I have a tricky question, but I'm hoping someone can answer it.
Problem (in brief): I do not understand how the Logistic Regression Learner node handles predictor variable categories.
Problem (complete): I am using the Logistic Regression Learner node to run a multivariate analysis on two datasets (same variable list, different values). I have a dependent variable (nominal, 0 or 1 values) and two independent variables (ordinal, domain 1,2,3). There are no missing values. All variables are string (i.e., KNIME nominal/categorical). When the analysis runs, the reference category is the last value of the dependent domain range (1=success). So far so good...
If I run the analysis on dataset A and dataset B, KNIME generates regression coefficients and statistics using independent variables (y1,y2) with values in categories 2 and 3. Again, so far so good...

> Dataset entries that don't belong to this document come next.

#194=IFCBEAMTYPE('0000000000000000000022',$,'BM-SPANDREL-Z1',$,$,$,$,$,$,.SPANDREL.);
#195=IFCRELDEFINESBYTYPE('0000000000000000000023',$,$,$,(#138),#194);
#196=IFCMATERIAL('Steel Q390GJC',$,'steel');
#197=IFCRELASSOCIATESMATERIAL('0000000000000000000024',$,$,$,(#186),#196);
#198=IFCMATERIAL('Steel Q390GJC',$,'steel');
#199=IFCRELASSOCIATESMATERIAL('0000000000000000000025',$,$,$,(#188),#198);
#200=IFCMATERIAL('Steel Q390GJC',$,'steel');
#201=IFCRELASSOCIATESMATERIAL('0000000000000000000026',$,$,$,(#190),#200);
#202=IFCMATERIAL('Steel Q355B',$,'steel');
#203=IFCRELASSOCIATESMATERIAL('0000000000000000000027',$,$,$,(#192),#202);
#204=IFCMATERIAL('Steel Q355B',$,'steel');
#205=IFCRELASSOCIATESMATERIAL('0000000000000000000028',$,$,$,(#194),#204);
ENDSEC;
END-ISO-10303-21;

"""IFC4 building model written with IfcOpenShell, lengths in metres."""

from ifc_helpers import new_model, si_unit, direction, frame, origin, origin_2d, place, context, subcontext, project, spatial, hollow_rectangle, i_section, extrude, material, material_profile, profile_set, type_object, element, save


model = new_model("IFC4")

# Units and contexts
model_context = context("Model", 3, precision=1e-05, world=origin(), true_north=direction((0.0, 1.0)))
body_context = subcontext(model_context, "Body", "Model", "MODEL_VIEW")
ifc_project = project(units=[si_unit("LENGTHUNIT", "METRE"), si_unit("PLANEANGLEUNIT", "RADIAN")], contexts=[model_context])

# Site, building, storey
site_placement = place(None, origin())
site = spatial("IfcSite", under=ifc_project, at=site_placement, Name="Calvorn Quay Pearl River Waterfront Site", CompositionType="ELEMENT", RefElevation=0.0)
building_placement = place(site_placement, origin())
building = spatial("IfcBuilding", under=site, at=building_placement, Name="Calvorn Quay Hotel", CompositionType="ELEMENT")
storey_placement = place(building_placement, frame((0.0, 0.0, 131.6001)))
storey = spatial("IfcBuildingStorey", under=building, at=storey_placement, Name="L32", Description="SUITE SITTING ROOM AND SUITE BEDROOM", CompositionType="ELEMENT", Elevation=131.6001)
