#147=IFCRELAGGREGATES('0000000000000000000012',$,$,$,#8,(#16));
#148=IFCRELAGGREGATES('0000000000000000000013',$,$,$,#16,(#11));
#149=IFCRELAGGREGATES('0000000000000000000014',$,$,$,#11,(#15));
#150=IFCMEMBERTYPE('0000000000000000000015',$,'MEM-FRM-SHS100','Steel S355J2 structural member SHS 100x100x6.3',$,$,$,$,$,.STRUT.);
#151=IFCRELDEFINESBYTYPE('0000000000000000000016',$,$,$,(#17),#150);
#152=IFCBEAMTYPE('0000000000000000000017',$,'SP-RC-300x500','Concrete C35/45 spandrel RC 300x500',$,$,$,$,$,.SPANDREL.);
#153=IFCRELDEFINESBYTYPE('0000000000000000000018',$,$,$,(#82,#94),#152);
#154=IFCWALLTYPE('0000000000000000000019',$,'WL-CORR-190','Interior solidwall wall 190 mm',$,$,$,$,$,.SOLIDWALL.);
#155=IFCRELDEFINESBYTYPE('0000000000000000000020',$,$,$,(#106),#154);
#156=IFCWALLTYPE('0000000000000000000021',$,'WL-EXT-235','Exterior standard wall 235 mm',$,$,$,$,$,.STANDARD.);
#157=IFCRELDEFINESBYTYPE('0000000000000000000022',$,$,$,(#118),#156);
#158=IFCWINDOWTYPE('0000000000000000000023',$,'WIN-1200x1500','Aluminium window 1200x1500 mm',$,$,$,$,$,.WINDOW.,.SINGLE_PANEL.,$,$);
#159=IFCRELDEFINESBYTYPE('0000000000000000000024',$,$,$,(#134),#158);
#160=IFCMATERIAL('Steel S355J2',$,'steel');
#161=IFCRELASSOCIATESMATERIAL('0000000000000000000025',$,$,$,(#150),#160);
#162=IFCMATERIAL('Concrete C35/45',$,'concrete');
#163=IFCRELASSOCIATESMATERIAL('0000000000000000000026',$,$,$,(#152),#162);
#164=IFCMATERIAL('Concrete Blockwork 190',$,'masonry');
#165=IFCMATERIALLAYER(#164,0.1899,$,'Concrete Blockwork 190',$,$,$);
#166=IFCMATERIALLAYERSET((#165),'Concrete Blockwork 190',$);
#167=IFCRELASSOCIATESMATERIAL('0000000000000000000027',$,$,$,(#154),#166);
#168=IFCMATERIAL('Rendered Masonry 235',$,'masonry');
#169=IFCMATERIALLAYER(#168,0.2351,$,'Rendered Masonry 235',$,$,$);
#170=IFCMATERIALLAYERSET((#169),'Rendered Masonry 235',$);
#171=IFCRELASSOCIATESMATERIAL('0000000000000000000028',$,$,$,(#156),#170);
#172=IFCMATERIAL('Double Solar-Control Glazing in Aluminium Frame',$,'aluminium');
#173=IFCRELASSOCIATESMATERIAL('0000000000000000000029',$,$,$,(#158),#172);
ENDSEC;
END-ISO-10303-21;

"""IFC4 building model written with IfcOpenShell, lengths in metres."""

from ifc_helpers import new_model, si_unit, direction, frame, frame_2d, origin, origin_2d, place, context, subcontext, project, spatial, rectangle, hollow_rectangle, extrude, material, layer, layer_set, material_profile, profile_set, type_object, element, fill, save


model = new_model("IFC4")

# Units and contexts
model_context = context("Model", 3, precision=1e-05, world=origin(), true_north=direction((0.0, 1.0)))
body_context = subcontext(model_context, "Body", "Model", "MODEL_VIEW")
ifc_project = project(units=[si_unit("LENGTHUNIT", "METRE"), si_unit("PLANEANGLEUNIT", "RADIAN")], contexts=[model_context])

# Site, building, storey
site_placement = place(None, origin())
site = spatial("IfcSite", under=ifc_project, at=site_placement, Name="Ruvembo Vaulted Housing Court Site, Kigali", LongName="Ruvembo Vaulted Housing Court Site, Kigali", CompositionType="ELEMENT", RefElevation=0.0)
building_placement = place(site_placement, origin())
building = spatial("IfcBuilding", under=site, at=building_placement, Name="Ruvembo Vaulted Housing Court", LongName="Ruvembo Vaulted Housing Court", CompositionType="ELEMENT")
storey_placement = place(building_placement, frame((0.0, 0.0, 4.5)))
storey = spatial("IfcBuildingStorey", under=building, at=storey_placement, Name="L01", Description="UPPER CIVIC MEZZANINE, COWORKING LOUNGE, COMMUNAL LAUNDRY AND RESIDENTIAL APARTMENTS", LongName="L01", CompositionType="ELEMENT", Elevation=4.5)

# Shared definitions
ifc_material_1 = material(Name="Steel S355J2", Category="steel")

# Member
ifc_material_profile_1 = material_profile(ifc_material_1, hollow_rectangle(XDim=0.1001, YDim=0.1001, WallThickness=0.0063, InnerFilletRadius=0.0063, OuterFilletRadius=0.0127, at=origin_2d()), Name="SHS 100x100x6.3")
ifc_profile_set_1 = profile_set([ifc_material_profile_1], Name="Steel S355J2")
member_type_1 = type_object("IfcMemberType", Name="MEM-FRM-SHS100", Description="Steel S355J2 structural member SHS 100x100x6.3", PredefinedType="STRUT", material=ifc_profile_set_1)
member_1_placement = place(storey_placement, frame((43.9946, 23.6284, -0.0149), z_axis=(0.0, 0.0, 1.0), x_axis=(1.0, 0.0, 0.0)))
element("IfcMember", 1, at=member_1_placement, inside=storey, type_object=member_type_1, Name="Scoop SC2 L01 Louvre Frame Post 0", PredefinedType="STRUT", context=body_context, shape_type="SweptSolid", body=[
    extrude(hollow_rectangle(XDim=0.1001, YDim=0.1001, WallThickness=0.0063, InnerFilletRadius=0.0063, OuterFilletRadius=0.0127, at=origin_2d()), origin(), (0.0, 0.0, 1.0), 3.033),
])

Here's the kicker, in order to find measures using independent variables with values in category 1, I then copy the Logistic Regression Learner node and check "Use order from column domain...First value is chosen as reference for dummy variables." Dataset A generates results for categories 1 (accurate) and 2, while Dataset B wrongly generates results for categories 1 (inaccurate) and 3.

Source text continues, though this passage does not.